Common: urinary incontinence.
Rare: acute renal failure.
From the genitals and mammary glands.
Common: impotence.
Not known: breast hypertrophy, gynaecomastia, sexual dysfunction (including changes in libido, ejaculation disorders and anorgasmia).
General disorders and administration site conditions.
Very common: fatigue, fever.
Common: peripheral edema, gait disturbance, asthenia, pain, malaise, flu-like syndrome.
Uncommon: Generalised oedema.
Not known: withdrawal reactions.
Investigations: Common: decreased white blood cell count, weight gain.
Uncommon: increased liver function tests (AST, ALT) and bilirubin.
Not known: increased creatine phosphokinase levels, fluctuations in blood glucose levels in patients with diabetes.
Injuries and poisoning.
Cases of acute pancreatitis have been described in association with gabapentin treatment.
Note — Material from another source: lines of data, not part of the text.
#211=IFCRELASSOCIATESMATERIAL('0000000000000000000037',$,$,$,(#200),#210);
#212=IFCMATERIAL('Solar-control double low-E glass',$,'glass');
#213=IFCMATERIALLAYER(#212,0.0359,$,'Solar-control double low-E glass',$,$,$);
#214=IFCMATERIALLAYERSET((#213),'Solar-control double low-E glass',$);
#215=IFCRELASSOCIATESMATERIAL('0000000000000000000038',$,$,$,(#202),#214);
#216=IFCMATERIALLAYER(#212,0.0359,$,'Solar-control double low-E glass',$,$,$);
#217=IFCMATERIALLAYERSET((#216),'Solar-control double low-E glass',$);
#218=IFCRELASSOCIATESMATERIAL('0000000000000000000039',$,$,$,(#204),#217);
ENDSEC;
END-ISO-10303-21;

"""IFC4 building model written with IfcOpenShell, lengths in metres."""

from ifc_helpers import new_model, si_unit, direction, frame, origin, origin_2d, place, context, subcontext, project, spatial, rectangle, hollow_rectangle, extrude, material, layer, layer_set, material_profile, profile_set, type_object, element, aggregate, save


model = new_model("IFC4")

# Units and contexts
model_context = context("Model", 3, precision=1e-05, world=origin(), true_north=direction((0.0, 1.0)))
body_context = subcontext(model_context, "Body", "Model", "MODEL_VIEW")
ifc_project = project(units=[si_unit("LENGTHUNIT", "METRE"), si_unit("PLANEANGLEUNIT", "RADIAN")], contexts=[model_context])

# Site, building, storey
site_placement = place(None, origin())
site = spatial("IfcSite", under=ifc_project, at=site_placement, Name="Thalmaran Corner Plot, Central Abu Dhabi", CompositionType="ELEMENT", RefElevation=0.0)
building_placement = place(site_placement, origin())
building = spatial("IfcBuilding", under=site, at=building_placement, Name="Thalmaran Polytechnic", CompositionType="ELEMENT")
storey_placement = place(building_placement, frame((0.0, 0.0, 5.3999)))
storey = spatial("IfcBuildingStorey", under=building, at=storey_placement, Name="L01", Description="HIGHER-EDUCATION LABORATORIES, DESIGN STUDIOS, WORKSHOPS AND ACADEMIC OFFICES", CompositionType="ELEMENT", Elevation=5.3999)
No association with gabapentin has been established (see section 4.4). Myopathy with elevated CPK levels has been reported in patients with end-stage renal disease undergoing haemodialysis. Cases of respiratory tract infections, otitis media, convulsions and bronchitis have only been reported in clinical studies in children. In addition, aggressive behaviour and hyperkinesia were quite common in studies in children.
Withdrawal symptoms have been observed after discontinuation of both short-term and long-term treatment with gabapentin. Withdrawal symptoms may occur shortly after discontinuation of treatment, usually within 48 hours. The most commonly reported symptoms include anxiety, insomnia, nausea, pain, sweating, tremor, headache, depression, feeling abnormal, dizziness and malaise (see section 4.4). The occurrence of withdrawal symptoms after discontinuation of gabapentin may indicate drug dependence (see section 4.8). The patient should be informed of this at the start of treatment. If gabapentin needs to be discontinued, it is recommended that this be done gradually over at least 1 week, regardless of the indication (see section 4.8).
Expiration date
2 years.
Do not use the drug after the expiration date indicated on the package.
Storage conditions
Store at a temperature not exceeding 25 °C.
Keep out of reach of children.
Packaging
10 capsules in a blister. 3 or 6 blisters in a pack.
Vacation category
According to the recipe.
Producer
JSC "Farmak".
Location of the manufacturer and its business address.
Ukraine, 04080, Kyiv, Kyrylivska St., 74.
Address
Ukraine, 04080, Kyiv, Kyrylivska St., 74.